Regarding the usage of MPI-One sided communications in HPC applications

6 views
Skip to first unread message

Chandran, Arun

unread,
Jan 17, 2025, 7:24:51 AMJan 17
to us...@lists.open-mpi.org

[Public]


Hi Experts,

 

I am trying to understand the usage of MPI’s one-sided communication in HPC applications.

 

This research paper ( https://icl.utk.edu/publications/international-survey-mpi-users ) said it’s popularity is behind  collectives, and point-to-point APIs.

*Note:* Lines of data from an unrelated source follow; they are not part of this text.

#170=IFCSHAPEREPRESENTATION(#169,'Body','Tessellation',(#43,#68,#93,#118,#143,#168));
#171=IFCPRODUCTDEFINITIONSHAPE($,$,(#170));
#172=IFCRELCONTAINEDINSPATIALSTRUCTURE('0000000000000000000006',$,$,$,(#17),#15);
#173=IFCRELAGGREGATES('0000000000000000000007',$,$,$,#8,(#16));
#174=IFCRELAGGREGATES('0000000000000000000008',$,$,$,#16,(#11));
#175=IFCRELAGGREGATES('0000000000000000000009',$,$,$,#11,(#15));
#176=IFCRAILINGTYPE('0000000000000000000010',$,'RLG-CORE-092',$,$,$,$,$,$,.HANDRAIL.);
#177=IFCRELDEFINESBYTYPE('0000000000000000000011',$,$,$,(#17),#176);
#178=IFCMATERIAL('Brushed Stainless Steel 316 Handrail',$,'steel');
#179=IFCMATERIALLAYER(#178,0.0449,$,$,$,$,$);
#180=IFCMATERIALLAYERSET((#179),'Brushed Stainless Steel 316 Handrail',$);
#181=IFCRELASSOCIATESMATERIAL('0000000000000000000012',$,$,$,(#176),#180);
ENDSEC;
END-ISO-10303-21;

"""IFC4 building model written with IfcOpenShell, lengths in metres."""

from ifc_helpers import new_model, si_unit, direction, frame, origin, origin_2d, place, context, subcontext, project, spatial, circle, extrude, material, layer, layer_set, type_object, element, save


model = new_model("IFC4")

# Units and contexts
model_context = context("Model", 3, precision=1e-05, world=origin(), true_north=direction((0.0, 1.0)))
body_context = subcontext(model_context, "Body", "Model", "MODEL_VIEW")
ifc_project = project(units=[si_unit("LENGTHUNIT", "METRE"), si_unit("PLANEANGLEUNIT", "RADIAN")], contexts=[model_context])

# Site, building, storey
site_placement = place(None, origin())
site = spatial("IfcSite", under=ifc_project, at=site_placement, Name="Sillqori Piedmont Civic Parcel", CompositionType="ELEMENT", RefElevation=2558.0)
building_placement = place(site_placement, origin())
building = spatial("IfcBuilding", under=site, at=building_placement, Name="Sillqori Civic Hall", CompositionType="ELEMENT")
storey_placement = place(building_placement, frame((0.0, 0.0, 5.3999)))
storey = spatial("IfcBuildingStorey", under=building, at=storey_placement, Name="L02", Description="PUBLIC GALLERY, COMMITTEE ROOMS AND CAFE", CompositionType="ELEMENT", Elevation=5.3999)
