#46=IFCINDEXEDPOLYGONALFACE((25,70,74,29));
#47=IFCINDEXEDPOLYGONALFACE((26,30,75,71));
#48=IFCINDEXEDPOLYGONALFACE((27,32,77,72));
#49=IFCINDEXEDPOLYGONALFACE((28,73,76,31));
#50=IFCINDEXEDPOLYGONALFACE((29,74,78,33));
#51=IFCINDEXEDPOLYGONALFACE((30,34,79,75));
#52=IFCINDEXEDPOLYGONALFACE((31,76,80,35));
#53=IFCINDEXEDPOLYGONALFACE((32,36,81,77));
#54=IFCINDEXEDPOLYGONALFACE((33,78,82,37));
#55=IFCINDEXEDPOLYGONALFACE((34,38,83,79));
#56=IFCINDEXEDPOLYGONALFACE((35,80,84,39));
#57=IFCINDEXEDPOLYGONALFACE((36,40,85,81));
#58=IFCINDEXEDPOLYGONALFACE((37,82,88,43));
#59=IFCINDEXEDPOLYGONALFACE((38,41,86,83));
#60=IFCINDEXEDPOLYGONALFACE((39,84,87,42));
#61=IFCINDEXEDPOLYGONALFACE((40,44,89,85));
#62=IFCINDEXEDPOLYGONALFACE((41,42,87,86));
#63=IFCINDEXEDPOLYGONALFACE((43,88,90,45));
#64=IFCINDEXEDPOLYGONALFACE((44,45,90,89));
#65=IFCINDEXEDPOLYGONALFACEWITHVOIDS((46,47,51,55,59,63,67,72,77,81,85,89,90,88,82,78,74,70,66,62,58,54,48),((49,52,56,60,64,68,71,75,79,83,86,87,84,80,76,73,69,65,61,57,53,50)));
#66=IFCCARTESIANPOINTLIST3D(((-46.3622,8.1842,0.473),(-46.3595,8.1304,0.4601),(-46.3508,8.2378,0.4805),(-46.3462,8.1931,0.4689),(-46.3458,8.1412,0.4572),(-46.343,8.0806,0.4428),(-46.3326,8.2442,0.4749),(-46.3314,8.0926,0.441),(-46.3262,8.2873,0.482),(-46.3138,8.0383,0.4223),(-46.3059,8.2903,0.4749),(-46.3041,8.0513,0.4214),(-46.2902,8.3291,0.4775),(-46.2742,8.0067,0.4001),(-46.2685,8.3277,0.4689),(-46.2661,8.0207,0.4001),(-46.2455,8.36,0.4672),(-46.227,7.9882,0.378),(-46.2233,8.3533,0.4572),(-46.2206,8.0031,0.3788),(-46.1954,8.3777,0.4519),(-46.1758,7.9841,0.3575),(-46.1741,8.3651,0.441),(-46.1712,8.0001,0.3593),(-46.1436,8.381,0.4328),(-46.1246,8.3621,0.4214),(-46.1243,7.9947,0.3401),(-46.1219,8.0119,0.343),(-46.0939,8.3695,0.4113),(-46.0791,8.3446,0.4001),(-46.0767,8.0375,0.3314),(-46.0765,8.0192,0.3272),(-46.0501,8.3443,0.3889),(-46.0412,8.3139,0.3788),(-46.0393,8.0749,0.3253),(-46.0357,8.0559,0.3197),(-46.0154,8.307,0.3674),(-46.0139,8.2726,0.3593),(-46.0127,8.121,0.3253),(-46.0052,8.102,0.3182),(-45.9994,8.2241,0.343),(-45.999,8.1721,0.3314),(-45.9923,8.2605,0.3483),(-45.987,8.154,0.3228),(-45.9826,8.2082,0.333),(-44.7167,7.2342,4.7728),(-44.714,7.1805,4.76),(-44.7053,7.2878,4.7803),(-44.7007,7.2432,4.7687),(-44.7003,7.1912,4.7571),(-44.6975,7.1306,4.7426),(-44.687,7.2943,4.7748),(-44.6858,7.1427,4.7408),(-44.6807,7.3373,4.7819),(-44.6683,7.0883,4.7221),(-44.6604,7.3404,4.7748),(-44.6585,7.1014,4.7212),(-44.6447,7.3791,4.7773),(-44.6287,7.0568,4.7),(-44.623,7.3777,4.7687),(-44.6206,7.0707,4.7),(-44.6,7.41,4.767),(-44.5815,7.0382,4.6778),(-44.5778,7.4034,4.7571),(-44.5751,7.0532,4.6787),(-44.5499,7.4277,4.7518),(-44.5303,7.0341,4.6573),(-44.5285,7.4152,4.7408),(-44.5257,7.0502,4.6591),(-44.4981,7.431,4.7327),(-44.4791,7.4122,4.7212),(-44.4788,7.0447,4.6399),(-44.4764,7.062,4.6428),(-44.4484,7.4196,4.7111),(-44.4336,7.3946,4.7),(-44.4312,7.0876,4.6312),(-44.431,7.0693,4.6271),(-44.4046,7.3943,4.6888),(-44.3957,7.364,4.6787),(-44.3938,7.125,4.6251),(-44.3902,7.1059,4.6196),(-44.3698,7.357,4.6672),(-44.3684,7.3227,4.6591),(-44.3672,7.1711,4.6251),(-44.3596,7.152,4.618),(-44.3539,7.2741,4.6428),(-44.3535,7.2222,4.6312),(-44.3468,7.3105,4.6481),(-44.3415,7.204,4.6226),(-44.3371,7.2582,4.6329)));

Given the advantages over the two-sided communication, one-sided communication should have gained popularity, right?

 

I tried to search the codebase of:

 

  1. NWCHEM (https://github.com/nwchemgit/nwchem)
  2. WRF(https://github.com/wrf-model/WRF)
  3. Quantum Espresso(https://github.com/QEF/q-e)
  4. GROMACS (https://github.com/gromacs/gromacs)

 

But did not hit any result for the search string ‘MPI_Win’. Do these applications use one-sided MPI_Get() and MPI_Put() via some other mechanism?

 

Can someone please comment about the usage of one-sided communication in HPC applications? Are there any real-world applications using it?

--Arun

Gilles Gouaillardet

unread,
Jan 17, 2025, 7:41:52 AMJan 17
to Open MPI Users

It seems you understand the advantages of one-sided communications over the other flavors, but did you carefully consider their drawbacks before concluding they "should have gain popularity"?


Cheers,


Gilles


To unsubscribe from this group and stop receiving emails from it, send an email to users+un...@lists.open-mpi.org.

Alfio Lazzaro

unread,
Jan 17, 2025, 7:53:25 AMJan 17
to us...@lists.open-mpi.org
One-sided communications are used in CP2K via the DBCSR library. See https://github.com/cp2k/dbcsr.
The algorithm itself was described in 


In some cases, the one-sided communications are quite handy in terms of implementation (DBCSR does matrix multiplications). However, the performance really depends on the MPI implementation support.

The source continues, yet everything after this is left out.